聽說植惠珍愛好文學,訪談時她順口念起《紅樓夢》的葬花詞:「儂今葬花人笑痴,他年葬儂知是誰?」;她在醫院做牧靈、寧養工作,面對的院友不是病就是死,有點擔心她會不會流於傷感……她自己說:「我對萬物轉替珍視憐惜,從前讀到黛玉葬花,對美的消逝總有不忍的憐意。」 還好,天生善感的性情,最終成為了植惠珍的優點而不是負擔。好的文學作品是哀而不傷,她所喜愛的詩詞歌賦到流行曲,都令她體會生命的寶貴,以致珍惜人與人之間的情感交會,著眼於生命消逝後化作春泥護花。看著她說話時眼睛飽含感情,偶泛淚光,但流露的是正向力量。


“每個生命都是獨特的,能夠與院友相遇,陪伴他們走過臨終的一程,是一種榮幸”

「我是拒絕遺忘的人,珍惜相遇的人和事。」幼稚園時傳教士給她的溫暖,她默念到如今。在她口中,一再吐出的是感恩,尤其是她感受到父母、家人對她的愛。珍惜、感謝,她把這份濃烈的愛回饋身邊的人,具體的表達就是陪伴。 在醫院裡,與外面急速的步伐完全不一樣,生命流轉很慢,一點一滴地消逝。植惠珍每天到院友牀前陪伴,可以是聊天,可以是聆聽,也可以是安靜的坐著而已,但一定是專注而不匆忙。她以溫暖的手觸摸病者,讓他們感到親密與真實的同在。就是行將歸天的衰殘生命,在植惠珍眼中,仍是充滿憐惜。「每個生命都是獨特的,能夠與院友相遇,陪伴他們走過臨終的一程,是一種榮幸。如果他們願意與你分享生命的故事,其實是表達了他們對你的信任。」 植惠珍能夠耐心地跟公公婆婆接觸,也是從自己被疼愛中體會,是與年老父母相伴相處的回憶中折射出來。
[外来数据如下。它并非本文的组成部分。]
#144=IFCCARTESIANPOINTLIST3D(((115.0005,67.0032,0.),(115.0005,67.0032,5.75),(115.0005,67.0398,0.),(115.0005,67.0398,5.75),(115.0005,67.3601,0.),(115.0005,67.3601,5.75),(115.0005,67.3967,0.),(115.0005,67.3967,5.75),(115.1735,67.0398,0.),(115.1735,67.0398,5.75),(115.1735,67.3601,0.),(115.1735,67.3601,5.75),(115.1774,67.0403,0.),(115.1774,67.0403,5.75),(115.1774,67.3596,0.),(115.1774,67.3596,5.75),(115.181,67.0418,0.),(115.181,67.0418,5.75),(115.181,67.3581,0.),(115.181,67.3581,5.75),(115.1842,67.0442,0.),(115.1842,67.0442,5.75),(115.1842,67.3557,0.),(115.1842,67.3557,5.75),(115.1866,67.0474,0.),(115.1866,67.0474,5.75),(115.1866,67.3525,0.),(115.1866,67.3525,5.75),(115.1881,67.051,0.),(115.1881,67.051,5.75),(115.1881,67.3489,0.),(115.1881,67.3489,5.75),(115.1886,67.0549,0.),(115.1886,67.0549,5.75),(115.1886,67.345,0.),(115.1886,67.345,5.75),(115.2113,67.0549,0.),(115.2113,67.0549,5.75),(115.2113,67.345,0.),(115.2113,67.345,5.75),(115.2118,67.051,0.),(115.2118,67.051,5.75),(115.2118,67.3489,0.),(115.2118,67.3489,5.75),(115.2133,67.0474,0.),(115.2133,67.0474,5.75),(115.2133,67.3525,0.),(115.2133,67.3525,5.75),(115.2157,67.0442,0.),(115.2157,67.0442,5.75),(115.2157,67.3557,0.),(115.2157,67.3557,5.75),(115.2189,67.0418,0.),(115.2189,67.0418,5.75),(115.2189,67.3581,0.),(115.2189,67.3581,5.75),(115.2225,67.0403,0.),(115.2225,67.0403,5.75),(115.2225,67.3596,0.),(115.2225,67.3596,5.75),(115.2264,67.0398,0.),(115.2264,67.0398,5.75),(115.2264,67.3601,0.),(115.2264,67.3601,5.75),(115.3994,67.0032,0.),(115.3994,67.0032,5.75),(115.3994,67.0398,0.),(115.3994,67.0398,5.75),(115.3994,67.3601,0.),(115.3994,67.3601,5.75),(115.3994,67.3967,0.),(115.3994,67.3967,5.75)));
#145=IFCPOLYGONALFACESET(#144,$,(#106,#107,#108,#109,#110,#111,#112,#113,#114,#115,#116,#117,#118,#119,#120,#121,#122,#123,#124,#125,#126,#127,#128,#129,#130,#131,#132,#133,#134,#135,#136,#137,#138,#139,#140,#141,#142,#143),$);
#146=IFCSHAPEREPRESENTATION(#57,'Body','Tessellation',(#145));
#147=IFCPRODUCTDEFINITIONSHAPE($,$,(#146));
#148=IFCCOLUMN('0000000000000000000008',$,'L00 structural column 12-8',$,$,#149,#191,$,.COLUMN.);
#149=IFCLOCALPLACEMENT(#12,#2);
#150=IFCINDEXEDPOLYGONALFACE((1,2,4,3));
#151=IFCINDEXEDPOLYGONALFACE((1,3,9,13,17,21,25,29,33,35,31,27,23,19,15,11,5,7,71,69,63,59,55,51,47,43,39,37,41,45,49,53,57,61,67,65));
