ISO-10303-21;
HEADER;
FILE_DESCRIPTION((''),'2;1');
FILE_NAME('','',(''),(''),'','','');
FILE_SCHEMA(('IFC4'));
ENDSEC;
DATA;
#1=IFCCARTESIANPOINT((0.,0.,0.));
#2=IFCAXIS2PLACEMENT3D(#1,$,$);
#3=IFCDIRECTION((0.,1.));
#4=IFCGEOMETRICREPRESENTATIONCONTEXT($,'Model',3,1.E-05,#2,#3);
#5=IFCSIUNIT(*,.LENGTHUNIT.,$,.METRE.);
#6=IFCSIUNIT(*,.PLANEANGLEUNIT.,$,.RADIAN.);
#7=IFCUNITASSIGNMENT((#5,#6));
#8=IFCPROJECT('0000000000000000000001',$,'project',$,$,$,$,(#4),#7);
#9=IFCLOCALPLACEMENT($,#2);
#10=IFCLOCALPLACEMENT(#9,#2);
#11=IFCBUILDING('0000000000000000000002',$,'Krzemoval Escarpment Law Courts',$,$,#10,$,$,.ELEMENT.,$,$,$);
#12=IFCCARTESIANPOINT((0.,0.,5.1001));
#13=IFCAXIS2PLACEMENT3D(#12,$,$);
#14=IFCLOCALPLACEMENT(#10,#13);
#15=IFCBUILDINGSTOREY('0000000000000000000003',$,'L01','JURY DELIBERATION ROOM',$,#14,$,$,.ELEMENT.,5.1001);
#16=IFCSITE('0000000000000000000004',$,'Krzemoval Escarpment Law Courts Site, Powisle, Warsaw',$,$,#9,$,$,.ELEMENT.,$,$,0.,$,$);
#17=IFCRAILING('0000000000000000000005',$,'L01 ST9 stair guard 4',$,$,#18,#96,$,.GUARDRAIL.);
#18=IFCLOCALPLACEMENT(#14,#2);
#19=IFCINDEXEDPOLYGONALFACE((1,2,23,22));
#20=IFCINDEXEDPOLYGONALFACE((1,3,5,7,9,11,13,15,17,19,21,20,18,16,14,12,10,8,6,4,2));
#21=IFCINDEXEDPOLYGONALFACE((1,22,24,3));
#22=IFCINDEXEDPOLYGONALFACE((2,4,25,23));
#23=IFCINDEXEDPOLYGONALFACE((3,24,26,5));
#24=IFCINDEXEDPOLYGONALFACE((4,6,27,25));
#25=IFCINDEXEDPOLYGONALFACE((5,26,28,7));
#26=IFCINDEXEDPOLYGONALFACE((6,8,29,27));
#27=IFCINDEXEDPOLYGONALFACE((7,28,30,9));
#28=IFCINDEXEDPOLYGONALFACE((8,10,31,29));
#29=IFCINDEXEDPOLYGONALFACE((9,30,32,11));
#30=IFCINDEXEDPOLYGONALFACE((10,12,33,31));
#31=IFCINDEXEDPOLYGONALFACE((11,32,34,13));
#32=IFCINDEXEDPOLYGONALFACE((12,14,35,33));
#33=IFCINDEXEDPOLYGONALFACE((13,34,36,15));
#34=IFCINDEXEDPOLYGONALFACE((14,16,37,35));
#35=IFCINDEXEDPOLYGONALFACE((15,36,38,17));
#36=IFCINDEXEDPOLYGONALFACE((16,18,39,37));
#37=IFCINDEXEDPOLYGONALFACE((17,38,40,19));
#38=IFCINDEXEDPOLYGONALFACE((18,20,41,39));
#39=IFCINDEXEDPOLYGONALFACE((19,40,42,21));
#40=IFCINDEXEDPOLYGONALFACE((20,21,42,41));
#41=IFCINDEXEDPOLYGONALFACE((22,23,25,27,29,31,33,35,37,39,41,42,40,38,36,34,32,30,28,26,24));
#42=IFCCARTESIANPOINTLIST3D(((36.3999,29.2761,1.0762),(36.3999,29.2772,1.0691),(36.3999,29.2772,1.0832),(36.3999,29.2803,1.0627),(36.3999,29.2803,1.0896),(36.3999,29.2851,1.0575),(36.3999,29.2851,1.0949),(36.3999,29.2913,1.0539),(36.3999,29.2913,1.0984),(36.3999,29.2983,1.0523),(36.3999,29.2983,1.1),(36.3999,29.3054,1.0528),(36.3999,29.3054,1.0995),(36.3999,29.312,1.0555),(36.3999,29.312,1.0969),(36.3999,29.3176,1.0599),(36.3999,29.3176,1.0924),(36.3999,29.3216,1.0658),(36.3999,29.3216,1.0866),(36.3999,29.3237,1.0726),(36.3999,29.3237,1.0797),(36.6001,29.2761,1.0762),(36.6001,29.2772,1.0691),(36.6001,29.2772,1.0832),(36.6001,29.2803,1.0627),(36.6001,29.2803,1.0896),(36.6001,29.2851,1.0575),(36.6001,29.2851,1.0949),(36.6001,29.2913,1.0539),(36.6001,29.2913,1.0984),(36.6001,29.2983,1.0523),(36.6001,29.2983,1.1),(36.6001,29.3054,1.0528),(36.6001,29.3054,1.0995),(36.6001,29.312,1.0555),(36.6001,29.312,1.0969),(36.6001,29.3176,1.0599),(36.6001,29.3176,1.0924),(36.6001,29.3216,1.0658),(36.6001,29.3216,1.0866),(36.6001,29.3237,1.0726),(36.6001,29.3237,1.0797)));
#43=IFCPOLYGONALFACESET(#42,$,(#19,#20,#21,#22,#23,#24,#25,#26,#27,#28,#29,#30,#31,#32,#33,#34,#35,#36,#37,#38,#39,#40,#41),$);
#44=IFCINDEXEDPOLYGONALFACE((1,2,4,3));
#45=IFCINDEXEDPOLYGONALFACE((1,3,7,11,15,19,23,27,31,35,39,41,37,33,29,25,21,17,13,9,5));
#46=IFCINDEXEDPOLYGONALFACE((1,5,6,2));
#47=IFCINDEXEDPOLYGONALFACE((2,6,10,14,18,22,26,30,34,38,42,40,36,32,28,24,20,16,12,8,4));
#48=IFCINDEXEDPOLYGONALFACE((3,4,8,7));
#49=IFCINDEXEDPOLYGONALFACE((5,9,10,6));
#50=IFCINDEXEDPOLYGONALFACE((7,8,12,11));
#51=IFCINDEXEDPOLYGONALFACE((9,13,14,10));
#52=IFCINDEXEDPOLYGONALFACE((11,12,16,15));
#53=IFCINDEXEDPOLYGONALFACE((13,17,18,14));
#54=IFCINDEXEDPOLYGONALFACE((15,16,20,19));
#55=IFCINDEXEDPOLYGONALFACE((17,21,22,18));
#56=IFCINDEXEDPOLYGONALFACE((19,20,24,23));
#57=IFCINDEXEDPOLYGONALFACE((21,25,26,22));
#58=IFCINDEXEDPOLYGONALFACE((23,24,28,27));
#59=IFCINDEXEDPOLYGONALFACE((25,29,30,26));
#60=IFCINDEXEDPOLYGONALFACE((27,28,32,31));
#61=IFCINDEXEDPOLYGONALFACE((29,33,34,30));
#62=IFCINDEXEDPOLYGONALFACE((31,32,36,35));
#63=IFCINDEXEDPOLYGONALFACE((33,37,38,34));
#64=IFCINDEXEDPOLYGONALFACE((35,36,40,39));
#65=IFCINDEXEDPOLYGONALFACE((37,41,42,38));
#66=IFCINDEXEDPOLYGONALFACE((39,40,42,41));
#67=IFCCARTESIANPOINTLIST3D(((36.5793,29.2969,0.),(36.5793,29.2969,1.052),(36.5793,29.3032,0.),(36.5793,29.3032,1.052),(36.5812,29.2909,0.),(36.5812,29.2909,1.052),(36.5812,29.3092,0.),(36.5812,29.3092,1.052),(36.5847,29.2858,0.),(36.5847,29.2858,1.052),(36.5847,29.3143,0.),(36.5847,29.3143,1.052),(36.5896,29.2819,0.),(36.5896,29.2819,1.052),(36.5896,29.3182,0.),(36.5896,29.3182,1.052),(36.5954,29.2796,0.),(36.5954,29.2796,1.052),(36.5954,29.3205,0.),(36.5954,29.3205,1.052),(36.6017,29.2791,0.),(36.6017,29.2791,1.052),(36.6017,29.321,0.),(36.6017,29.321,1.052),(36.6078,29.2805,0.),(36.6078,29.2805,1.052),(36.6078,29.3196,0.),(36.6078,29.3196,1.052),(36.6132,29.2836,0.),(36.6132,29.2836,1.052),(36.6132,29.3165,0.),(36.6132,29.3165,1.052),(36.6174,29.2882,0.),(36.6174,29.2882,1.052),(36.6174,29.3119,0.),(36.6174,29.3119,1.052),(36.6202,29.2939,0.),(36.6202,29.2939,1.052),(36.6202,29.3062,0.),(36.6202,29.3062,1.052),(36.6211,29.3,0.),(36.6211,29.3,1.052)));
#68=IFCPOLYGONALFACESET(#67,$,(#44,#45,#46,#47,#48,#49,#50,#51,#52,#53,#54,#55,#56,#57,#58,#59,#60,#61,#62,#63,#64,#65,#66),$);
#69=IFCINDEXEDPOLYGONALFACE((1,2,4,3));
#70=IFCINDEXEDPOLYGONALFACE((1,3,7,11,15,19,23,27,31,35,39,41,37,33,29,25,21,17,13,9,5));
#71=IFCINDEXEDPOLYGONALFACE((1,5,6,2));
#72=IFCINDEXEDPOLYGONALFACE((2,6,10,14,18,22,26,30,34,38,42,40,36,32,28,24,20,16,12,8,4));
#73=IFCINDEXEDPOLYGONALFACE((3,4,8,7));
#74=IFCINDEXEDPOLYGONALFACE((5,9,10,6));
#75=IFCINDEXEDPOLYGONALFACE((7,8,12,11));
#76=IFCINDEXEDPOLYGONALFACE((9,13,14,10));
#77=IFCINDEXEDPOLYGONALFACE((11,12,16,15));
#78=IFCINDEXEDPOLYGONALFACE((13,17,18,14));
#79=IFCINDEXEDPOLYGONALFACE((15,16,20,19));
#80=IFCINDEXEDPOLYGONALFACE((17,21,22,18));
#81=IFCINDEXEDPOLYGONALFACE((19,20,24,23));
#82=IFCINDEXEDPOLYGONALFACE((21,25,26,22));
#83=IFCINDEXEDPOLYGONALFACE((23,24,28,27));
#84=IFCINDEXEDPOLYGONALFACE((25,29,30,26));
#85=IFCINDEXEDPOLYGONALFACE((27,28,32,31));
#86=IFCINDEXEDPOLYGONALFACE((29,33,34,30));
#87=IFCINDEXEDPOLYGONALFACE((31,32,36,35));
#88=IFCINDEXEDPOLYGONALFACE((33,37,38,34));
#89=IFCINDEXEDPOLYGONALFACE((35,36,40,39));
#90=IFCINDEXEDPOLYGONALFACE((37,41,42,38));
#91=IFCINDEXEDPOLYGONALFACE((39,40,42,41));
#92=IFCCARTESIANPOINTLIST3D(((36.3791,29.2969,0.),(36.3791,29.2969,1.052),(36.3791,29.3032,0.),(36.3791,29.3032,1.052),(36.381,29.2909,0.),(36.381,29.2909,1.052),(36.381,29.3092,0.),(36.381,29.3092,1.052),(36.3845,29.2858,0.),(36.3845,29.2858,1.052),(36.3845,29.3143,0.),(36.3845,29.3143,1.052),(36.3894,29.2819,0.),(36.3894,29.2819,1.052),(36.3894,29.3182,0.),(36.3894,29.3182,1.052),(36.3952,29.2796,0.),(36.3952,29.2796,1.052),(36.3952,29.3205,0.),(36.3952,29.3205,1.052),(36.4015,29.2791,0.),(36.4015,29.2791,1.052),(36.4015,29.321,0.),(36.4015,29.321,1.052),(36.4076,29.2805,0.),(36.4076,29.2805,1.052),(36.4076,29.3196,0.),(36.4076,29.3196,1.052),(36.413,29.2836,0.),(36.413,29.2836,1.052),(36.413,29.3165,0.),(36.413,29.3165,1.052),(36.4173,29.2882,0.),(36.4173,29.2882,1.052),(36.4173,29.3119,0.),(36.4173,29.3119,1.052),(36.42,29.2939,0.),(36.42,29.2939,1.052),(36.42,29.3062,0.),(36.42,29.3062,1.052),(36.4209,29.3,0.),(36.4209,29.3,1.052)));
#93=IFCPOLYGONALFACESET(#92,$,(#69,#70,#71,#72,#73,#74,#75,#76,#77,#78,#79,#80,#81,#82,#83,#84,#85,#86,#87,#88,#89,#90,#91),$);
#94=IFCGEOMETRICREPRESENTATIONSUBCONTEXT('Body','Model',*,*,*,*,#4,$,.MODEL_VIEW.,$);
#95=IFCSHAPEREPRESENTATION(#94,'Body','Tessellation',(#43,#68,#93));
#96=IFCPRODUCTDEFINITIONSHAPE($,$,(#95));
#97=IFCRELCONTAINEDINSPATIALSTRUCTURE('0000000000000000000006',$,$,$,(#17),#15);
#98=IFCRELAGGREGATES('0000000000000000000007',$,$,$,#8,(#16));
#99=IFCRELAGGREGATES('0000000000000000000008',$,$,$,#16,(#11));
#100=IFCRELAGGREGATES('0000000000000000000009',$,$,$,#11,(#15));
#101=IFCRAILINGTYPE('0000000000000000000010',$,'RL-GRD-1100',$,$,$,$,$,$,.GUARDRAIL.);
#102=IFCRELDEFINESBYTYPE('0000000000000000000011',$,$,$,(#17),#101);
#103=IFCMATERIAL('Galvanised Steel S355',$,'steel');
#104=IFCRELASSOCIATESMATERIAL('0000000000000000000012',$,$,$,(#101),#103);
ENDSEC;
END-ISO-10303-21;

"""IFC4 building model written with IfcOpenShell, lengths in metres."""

from ifc_helpers import new_model, si_unit, direction, frame, origin, origin_2d, place, context, subcontext, project, spatial, circle, extrude, material, type_object, element, save


model = new_model("IFC4")

# Units and contexts
model_context = context("Model", 3, precision=1e-05, world=origin(), true_north=direction((0.0, 1.0)))
body_context = subcontext(model_context, "Body", "Model", "MODEL_VIEW")
ifc_project = project(units=[si_unit("LENGTHUNIT", "METRE"), si_unit("PLANEANGLEUNIT", "RADIAN")], contexts=[model_context])

# Site, building, storey
site_placement = place(None, origin())
site = spatial("IfcSite", under=ifc_project, at=site_placement, Name="Krzemoval Escarpment Law Courts Site, Powisle, Warsaw", CompositionType="ELEMENT", RefElevation=0.0)
building_placement = place(site_placement, origin())
building = spatial("IfcBuilding", under=site, at=building_placement, Name="Krzemoval Escarpment Law Courts", CompositionType="ELEMENT")
storey_placement = place(building_placement, frame((0.0, 0.0, 5.1001)))
storey = spatial("IfcBuildingStorey", under=building, at=storey_placement, Name="L01", Description="JURY DELIBERATION ROOM", CompositionType="ELEMENT", Elevation=5.1001)

# Railing
ifc_material_1 = material(Name="Galvanised Steel S355", Category="steel")
railing_type_1 = type_object("IfcRailingType", Name="RL-GRD-1100", PredefinedType="GUARDRAIL", material=ifc_material_1)
railing_1_placement = place(storey_placement, frame((36.6001, 29.3, 0.0)))
element("IfcRailing", 1, at=railing_1_placement, inside=storey, type_object=railing_type_1, Name="L01 ST9 stair guard 4", PredefinedType="GUARDRAIL", context=body_context, shape_type="SweptSolid", body=[
    extrude(circle(Radius=0.0239, at=origin_2d()), frame((0.0, 0.0, 1.0762), z_axis=(-1.0, 0.0, 0.0), x_axis=(0.0, -1.0, 0.0)), (0.0, 0.0, 1.0), 0.2002),
    extrude(circle(Radius=0.021, at=origin_2d()), origin(), (0.0, 0.0, 1.0), 1.052),
    extrude(circle(Radius=0.021, at=origin_2d()), frame((-0.2002, 0.0, 0.0)), (0.0, 0.0, 1.0), 1.052),
])

save(model, "model.ifc")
「父母給我的愛能保護我,面對生死,我是善感,會哭,但不是憂鬱,是化作感情和愛。」


“自己就像生命導賞員,幫助他們從年輕時的零碎片段開始,重拾片片值得細味的情節”

「生命導賞員」這特別的稱呼,是從植惠珍那裏聽來的。導賞,就是引導人去觀賞當中的美和善,她自己是首先體會、肯定生命的美善,才能導賞。「有些人在離世日將至,會很容易想到負面的事,也會想到一生的悔疚,卻看不到在那漫漫數十個年頭當中,不少值得回憶與欣慰的事。但自己就像生命導賞員,幫助他們從年輕時的零碎片段開始,重拾片片值得細味的情節,找到重心,引導他們多說、多表達,從而肯定生命,看到生命的價值。事實上,兒孫的生命成長,其實是長者一手成就的,他們的劬勞應該被肯定。」植惠珍說平時自己可以安坐大自然中很久,喜歡聆聽別人,這是性情使然。原來性情也會造就人的使命。 植惠珍兩年前神學剛畢業就到靈實醫院當院牧,她覺得自己很適合。但一再強調:「不要誤解,以為院牧一定是要人信耶穌或硬銷信仰。其實我們是要讓病友真正感受關懷,不帶任何條件,更不會硬推信仰,直到他們信任,或真的願意聽才會提。我相信這份關懷是耶穌藉我的手去做的,引領他人找到愛,在愛中歸回安息。」 懷抱有時,捨離有時;生有時,死有時。我們高興地迎接生,但如何能安然度過死?植惠珍說,感到最可貴的是這公立醫院中設立了舒緩病房,當中有讓家人陪伴的空間。有些病人是末期或穩定,會到舒緩病房,員工有照顧臨終病人的訓練,能對家屬提供支援。舒緩治療是要透過藥物及其他治療方法,根據病人和家人的意願,提升患者臨終前的生活質素,讓患者能夠安舒及有尊嚴地走完最後一段路。他們特別注重關顧家人的需要,務求減輕他們因為至親離世的哀傷及痛苦。


“人生真正最後一程應該是尊貴的,在離世時被尊重,是全人關懷的完美句號”

植惠珍對生命的珍視憐惜,是到病友的最後一刻。「人生真正最後一程應該是尊貴的,在離世時被尊重,是全人關懷的完美句號。」她說要讓他們沒有遺憾與虧欠,帶著寬恕走完這一程。這份愛,不單讓離世者臨終時感受到,也讓離世者的親友感受到。 植惠珍會為亡者主持安息禮或告別禮,在當中把一份對生命的感受化為簡樸的文字,再成為宣之於口的信息,安慰勉勵離世者的家屬親友,她也特別重視一個環節:述史,讓親屬表述亡者的生平故事,表達敬意與懷念。「其實我們都尊重生命,我只是守住這一環節,去安慰他們而已。」對生之流逝,悲傷或總不能免,但植惠珍希望藉告別禮讓大家分享感受,釋去心靈的沉重,帶著一份盼望生活下去。 對於死亡,或許我們都有一份無力感,但正正是這樣,才會讓人學會放下執著,隨遇而安,植惠珍的人生也如此。小時候看家人買給她的《兒童樂園》和報紙的剪貼文章,沒想到自己從此愛上文字而長大後念文學;早年當中學教師時,沒有想過會轉行當傳道;讀神學時,也沒想過會進到醫院從事牧靈工作、臨終關懷……彷彿沒有規劃的人生,卻是隨喜自在,成為別人的祝福。 在過往的生命場景,對象都是人,都是她所珍惜的生命;不管在學校對學生的傳承,在家庭照顧孩子,在醫院陪伴院友,莫不全情投入。當年陪丈夫到外國讀書,後來陪孩子成長,陪媽媽終老,到現在陪院友走生命最後一程,都如春泥一樣守護滋養生命。 問生命導賞員,可有夢想?夢想就是可以放空,想做的事情做好,能夠發揮。現在,她的夢想是能圓了病者的夢,哪怕只是想吃一個甜品。